但白葵很珍惜能夠完全放松大腦休息的時間,所以他還是會去睡覺。

他仰躺在那張簡陋的床上,閉上眼睛放松身體,一個晃神已經進入了系統空間中。

先出現在白葵眼中的是一間破破爛爛的房屋。本是潔白的墻面隨著年月而發黃,窗戶的玻璃早就碎成一地的碎片,現在被膠帶勉強封住,幾件陳舊但被擦拭得一塵不染的家具證實著這地方還有人居住。

就像是抽卡游戲都會有的默認界面一樣,白葵懷疑這就是他的默認界面了,每一次登入看到的第一眼都是這個房間,更改的設置還不能保存。系統也足夠了解他,在這裏它得以獲得實體,作為一個小小的光球漂浮在白葵的頭頂,難以辨明性別的機械聲音也具有了實感,“還是換成披薩店嗎?”

“嗯。”白葵先是點頭,“等等,能換成斯塔克大廈嗎?”

他眼前一花,下一秒,自己已經坐在了托尼那張極度舒適的沙發上。

反正是虛擬空間沒有任何人在,白葵在沙發上滾了一圈滾到了地毯上,他靜靜地躺在地上凝望了一會天花板,這才望向系統的光球眼中暗含期待:“我想看那個公園,可以嗎,搭檔?”

系統:“……”有事喊搭檔,無事人工智障?

可是面對只是想看看風景的唯一甲方,系統還能說什麽呢,當然是把斯塔克大廈憑空砍去了幾十層,讓采光極好的這一層樓出現在了紐約公園正中。

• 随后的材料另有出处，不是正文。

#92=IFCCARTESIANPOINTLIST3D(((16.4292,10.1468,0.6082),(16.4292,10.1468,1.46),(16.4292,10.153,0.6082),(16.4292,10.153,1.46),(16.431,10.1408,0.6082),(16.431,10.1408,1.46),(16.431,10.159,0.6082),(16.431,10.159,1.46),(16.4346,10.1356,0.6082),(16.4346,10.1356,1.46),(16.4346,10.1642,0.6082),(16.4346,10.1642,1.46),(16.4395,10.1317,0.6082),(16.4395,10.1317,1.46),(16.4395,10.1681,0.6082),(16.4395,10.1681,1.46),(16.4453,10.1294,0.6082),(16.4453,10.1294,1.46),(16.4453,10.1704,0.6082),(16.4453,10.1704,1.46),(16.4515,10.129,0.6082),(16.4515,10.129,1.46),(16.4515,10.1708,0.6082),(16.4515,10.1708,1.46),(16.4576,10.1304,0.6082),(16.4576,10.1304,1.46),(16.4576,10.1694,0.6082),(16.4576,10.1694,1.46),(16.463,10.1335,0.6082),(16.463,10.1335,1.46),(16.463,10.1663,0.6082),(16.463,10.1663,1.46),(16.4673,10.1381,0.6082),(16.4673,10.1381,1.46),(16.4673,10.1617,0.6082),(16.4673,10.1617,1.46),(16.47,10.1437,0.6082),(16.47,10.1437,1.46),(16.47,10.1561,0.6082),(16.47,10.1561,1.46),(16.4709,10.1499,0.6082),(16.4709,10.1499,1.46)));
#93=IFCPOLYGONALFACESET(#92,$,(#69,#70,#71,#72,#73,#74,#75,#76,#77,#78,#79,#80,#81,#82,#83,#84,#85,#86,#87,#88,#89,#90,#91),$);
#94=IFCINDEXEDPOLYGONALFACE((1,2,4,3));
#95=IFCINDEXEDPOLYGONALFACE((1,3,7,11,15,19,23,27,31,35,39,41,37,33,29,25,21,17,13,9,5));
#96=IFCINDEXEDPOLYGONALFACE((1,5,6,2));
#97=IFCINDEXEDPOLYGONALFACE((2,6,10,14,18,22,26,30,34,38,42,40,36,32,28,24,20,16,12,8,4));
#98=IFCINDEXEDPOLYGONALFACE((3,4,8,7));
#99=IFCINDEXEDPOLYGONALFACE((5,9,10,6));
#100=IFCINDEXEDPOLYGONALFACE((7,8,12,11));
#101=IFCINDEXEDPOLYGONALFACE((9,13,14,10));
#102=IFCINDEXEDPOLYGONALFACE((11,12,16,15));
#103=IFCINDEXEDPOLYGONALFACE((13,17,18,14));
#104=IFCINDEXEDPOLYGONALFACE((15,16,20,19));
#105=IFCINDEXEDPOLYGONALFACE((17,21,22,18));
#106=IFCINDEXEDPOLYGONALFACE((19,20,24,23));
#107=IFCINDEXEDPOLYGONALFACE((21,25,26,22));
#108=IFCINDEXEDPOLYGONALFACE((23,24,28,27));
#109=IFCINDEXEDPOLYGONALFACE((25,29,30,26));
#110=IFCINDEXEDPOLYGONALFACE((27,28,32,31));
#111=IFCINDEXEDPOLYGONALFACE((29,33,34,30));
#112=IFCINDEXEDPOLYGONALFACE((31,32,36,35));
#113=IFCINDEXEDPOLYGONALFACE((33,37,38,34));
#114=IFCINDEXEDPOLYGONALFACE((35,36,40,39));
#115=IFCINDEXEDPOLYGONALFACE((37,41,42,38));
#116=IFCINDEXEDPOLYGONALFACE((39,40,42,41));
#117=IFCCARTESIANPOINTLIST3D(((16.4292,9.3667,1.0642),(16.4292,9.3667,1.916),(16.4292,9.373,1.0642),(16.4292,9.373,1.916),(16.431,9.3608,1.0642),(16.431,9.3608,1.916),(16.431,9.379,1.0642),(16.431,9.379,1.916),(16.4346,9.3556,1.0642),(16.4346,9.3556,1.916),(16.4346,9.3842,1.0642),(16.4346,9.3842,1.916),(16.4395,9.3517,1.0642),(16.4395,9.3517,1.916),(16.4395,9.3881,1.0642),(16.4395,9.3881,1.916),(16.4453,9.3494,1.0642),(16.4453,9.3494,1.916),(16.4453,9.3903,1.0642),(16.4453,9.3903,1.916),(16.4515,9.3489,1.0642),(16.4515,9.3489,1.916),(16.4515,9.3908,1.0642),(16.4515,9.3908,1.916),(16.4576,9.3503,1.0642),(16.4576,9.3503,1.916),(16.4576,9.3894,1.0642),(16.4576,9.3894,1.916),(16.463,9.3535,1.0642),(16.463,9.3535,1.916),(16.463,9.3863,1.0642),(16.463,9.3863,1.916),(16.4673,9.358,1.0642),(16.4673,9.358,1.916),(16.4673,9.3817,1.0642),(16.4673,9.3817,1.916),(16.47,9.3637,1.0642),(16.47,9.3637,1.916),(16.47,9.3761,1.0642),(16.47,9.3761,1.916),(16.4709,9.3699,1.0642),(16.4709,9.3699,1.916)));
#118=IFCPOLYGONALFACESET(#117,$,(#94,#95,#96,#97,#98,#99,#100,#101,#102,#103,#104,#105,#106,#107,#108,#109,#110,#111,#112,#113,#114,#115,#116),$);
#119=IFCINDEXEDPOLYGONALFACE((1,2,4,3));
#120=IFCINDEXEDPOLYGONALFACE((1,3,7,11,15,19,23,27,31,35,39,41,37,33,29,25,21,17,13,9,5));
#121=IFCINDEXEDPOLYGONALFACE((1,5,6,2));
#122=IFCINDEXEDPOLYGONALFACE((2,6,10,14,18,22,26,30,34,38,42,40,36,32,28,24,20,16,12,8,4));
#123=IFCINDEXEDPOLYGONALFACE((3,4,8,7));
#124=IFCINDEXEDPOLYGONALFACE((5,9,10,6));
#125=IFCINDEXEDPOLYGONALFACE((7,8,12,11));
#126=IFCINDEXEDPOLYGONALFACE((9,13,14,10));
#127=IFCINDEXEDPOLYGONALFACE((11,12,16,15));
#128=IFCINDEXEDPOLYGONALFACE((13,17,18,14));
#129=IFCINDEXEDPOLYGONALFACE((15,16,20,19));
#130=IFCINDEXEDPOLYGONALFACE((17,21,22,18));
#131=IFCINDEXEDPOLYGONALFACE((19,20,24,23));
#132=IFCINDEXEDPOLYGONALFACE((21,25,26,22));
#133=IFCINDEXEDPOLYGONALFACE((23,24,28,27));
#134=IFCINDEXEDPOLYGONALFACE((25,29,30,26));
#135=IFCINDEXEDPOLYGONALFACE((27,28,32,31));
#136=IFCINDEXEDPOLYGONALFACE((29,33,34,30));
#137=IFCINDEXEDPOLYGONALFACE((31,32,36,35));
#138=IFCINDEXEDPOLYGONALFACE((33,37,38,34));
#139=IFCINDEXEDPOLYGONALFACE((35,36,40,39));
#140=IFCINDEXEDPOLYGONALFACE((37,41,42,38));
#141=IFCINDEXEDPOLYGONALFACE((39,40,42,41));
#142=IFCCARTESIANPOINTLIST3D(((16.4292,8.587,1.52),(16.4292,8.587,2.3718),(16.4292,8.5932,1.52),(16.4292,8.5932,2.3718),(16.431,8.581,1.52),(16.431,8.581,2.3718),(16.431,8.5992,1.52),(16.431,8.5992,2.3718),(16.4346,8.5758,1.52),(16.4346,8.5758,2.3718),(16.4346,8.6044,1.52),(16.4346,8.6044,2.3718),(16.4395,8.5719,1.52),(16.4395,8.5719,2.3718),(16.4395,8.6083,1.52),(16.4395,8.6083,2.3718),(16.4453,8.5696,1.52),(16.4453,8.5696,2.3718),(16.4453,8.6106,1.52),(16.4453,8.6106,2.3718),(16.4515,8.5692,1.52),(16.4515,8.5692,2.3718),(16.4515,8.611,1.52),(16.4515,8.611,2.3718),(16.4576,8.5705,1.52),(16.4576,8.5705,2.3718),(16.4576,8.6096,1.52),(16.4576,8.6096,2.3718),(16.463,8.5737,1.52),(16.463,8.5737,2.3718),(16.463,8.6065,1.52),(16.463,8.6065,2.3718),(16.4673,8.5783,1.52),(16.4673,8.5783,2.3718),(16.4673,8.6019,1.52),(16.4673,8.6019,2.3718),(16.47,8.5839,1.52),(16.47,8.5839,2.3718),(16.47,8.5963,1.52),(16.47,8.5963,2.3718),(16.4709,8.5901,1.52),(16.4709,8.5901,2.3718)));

白葵註視著窗外近在咫尺的夕陽,伸出手抓了一把餘暉,理所當然只抓到了一把空氣。

在因為嘴賤而被當球踢了幾次以後的系統,明智地沒有對此發表意見,直接把抽卡界面擺在了白葵眼前。

白葵從地毯上坐起身,雙手合十擺出個祈禱的動作,嘴裏念念有詞,“信男願一生葷素搭配,拜托了拜托了,給我一點強力打手。”

現在聖杯至今沒有蹤影,某種不好的預感縈繞在他的心間。不幸的是,白葵手上其實根本沒有拿得出手的強力輸出,加拉哈德是輔助,阿福根本是拿來賣萌的工具人,現在他迫切地需要提升輸出;幸運的是,聖杯還沒出現,他還有時間去準備,比如說……沐浴更衣,心懷虔誠地抽卡。

說句實話,他總覺得這個抽卡的機制很奇怪。明明是個力量與技巧全都要求他靠自身努力來獲得的務實派系統,在關鍵的環節卻要依靠虛無縹緲的運氣,有種微妙的違和感。

然而系統對這類問題的答案一概不知,白葵也就不再和它多提。

燦金的光柱沖天而起,璀璨的光芒中,一張金色的卡牌飄到了白葵的面前,卡背印著一名手持利劍的中世紀騎士。白葵接住這張卡,某種溫暖的力量自卡牌流入他的身體,他壓下心中的激動將卡翻了過來。

“……哇哦!”他彎起唇摩拳擦掌磨刀霍霍向系統,“現在,我的手中抓住了未來!”

金色的光點將他籠罩。

白葵和系統在來這個世界的第一天就商議好,每天睡前把他送入系統空間抽卡,然後再去訓練關卡提升能發揮出的力量,直到他的精神堅持不住為止。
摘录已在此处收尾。